Using CoSort on Restructured Data in the IRI Workbench
This is the final article in a three-part blog series introducing IRI’s new data structuring technology. The first blog introduces “dark data” and the unstructured sources the wizard can analyze. The second in the series offers a deeper overview of how the Data Restructuring wizard works and this article shows how that newly structured data can be leveraged in the same GUI by various IRI software products.
The preceding article discussed the use of the Data Restructuring wizard in the IRI Workbench GUI to parse data from unstructured data sources. Recall that we extracted the data based on search patterns into a structured text file, and automatically defined the new layout in a data definition file (.DDF) available for use in any IRI CoSort or other IRI software application.
This article picks up where that one left off … to show how a structured data file and its DDF can be used to process the extracted data in the same GUI for CoSort. The data can be transformed, reformatted, protected at the field level, and reported upon in the same job script and I/O pass in CoSort SortCL programs. SortCL outputs can be sent to multiple file and database targets at once:
In our first application, we will sort our text file by phone number, and remove the duplicate record. We will also mask the first 12 digits in the credit card account numbers (green line in image below), and encrypt the social security numbers (purple line in image). A report header was added to clarify the output (red line).
Note that the RegInfo.ddf metadata repository created by the Data Restructuring wizard is referenced in the input section to define the fields. In this example, the output is sent to standard out (stdout) to display in the console:
Changing the SortCL job script produces the duplicate records.

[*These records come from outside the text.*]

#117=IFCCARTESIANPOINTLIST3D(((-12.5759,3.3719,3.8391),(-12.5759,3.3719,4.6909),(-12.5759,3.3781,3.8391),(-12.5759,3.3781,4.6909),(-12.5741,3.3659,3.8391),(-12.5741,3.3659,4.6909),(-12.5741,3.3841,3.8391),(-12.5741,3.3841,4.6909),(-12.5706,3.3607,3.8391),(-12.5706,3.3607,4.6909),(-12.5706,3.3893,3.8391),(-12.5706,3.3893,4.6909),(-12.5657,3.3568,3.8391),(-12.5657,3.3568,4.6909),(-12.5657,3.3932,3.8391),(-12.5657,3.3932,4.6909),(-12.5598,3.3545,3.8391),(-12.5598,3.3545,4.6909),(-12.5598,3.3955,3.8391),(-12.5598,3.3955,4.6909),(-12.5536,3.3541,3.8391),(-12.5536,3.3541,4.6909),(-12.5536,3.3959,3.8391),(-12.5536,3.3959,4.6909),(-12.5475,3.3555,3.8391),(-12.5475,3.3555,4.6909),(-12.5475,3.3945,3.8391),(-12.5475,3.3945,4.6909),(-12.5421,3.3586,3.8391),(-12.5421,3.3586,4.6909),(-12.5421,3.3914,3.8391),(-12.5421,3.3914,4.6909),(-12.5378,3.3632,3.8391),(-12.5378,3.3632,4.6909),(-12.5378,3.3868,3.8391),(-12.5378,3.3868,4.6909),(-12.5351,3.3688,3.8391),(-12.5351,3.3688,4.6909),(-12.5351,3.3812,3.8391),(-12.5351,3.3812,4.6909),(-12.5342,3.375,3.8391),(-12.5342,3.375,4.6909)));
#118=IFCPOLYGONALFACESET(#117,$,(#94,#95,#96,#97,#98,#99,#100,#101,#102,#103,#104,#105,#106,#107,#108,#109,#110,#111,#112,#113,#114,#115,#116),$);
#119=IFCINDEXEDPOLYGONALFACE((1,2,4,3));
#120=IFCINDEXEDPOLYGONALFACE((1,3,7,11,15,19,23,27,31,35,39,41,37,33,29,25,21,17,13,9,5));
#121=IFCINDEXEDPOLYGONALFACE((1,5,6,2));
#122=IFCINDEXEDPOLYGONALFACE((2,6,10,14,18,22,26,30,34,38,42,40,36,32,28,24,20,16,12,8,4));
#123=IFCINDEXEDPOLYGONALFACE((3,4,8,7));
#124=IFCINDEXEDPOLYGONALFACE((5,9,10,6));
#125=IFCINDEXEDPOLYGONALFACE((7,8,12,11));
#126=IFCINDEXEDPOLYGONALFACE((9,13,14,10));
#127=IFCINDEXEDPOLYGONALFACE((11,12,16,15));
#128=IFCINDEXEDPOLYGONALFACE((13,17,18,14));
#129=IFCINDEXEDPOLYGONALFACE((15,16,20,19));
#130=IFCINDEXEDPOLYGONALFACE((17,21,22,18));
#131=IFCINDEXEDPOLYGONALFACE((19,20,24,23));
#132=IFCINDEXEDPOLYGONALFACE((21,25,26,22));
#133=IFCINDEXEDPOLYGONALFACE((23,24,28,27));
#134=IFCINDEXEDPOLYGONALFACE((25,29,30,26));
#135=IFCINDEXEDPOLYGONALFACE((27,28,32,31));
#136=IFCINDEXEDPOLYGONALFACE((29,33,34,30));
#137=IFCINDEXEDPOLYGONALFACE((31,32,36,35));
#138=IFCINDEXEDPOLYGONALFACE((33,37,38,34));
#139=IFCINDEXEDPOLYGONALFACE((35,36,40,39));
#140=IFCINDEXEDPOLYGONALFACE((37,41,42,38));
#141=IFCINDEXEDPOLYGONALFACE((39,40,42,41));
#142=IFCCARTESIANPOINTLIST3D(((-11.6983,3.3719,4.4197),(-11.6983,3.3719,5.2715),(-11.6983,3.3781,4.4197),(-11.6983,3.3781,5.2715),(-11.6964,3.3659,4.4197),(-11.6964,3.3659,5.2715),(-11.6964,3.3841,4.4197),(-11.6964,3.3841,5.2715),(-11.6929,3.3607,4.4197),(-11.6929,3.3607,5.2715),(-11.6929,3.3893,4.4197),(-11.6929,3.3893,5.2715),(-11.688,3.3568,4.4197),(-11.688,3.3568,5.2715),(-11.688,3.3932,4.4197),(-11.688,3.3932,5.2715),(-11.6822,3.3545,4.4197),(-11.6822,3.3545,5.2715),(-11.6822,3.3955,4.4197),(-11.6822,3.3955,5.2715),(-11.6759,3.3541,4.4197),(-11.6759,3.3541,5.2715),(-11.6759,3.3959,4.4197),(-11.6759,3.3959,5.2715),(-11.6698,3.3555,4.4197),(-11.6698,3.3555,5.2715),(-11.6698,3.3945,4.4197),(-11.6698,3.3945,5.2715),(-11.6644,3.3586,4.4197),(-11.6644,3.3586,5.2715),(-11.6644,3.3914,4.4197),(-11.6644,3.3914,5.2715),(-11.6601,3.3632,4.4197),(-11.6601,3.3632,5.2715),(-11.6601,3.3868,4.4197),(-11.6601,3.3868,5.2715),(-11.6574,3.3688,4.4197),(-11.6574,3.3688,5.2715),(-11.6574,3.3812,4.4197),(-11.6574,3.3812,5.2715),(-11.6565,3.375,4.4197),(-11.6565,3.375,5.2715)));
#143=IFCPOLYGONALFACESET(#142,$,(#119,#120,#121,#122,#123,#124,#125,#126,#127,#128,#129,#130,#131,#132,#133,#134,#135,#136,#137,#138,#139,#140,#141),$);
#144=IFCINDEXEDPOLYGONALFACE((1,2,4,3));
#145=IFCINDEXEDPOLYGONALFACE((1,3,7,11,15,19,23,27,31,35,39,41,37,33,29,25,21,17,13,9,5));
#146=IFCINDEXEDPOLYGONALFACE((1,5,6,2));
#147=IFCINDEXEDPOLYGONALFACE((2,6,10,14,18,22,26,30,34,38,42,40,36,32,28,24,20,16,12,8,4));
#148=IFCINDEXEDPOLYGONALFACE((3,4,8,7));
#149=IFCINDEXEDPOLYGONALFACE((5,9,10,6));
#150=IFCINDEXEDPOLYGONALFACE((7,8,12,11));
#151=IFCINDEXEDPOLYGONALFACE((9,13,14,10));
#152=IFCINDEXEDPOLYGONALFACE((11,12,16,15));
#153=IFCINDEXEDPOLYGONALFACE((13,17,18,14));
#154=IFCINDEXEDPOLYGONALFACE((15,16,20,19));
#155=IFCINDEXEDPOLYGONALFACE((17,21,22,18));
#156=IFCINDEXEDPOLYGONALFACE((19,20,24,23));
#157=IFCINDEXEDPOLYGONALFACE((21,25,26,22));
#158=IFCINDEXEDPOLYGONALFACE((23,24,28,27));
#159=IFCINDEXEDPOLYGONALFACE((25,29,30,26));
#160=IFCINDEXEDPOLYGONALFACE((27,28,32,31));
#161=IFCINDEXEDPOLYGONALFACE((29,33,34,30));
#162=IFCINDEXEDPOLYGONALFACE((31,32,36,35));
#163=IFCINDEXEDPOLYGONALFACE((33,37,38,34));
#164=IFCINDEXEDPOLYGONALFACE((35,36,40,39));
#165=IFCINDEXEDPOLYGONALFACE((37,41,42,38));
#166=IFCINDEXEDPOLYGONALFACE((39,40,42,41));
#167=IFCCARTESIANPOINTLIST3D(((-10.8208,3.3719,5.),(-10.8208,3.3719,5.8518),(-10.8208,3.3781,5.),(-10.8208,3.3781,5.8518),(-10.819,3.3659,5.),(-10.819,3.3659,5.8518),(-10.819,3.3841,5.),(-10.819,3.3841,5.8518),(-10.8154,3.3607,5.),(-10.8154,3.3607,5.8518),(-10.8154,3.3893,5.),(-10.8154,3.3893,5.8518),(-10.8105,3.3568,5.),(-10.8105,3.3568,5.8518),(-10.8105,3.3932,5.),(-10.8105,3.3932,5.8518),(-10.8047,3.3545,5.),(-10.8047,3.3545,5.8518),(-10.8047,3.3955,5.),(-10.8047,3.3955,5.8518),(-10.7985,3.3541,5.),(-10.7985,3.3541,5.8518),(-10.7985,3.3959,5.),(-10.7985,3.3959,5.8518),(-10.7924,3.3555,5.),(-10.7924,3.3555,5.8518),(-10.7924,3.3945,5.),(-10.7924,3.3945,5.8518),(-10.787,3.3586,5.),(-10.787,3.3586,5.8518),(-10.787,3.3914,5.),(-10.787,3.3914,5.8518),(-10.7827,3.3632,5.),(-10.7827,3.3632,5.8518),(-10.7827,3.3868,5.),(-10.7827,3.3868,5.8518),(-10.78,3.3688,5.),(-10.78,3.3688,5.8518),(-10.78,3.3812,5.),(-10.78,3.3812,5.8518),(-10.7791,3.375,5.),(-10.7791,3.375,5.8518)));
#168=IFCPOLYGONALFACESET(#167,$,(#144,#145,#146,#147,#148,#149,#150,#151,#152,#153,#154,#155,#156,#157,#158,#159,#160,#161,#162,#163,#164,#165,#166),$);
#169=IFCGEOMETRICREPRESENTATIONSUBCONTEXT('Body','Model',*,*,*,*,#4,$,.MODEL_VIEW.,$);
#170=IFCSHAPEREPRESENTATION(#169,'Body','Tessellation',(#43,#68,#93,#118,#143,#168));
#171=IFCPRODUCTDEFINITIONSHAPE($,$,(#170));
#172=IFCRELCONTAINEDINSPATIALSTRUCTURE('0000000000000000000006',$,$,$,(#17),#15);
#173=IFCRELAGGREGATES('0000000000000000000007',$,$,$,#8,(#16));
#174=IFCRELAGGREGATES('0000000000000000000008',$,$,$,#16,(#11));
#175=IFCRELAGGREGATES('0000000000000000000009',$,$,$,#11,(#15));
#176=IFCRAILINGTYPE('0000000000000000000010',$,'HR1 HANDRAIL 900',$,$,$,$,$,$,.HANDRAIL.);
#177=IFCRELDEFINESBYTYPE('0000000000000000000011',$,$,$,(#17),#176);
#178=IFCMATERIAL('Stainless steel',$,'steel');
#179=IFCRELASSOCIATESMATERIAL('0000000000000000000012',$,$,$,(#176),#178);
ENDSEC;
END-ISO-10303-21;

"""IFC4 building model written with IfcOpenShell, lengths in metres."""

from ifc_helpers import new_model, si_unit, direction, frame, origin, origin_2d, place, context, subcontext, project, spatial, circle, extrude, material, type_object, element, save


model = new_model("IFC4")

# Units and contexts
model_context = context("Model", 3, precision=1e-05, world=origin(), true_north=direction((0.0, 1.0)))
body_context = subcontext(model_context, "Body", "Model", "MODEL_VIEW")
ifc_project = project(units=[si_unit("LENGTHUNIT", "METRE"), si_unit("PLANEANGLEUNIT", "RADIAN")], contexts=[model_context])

In conclusion, the unstructured data we first structured in the IRI Workbench has now been re-structured once again in the same Eclipse GUI, and can be re-fit for any use. There are in fact no limits to the possible permutations in, and purposes for, SortCL job scripts, nor in other IRI Workbench products that use .DDF files, including:
- IRI NextForm – for data migration, replication, federation and reporting
- IRI FieldShield – for data masking and encryption
- IRI RowGen – for test data generation
Let IRI know if you would like to see more packaging and provisioning manifestations of such big data processing, including ad hoc reports in BIRT, hand-offs to other analytic tools, pre-sorted bulk database loads, etc.
To see what unstructured data sources and dark data can be analyzed by the Data Restructuring wizard, visit our blog Finding Dark Data in Unstructured Sources. To see how to use the wizard to discover unstructured data, visit our blog Using the Data Restructuring Wizard to Unlock Unstructured Data.
2 COMMENTS
I understand that you can use CoSort or its compatible tools in the Workbench to process the data once it’s been flattened by the wizard. What kinds of transforms can I do, and why would it be more efficient to do them in CoSort than in a DB? And would be easier than SQL, a language I already know?
It would be more efficient to transform the data in CoSort (outside the database) if you have hundreds of thousands or millions of rows. The transforms it supports are shown in http://www.iri.com/solutions/data-transformation, along with the reasons why it’s faster. CoSort is a high-performance data movement and manipulation utility that runs in the file system (or if used in IRI Voracity for ETL, also in Hadoop) with I/O and memory-optimized, multi-threaded techniques atop specialized algorithms for sorting, joining, and aggregation that can be combined in a single pass. The language of CoSort, SortCL, is similar to SQL, but is actually easier to write and maintain (and works in the file system), and can be generated automatically by new job wizards in the free IRI Workbench GUI, built on Eclipse. In addition to running about 10 times faster with CoSort, new metadata conversion software from AnalytiX DS can also convert SQL jobs into SortCL script.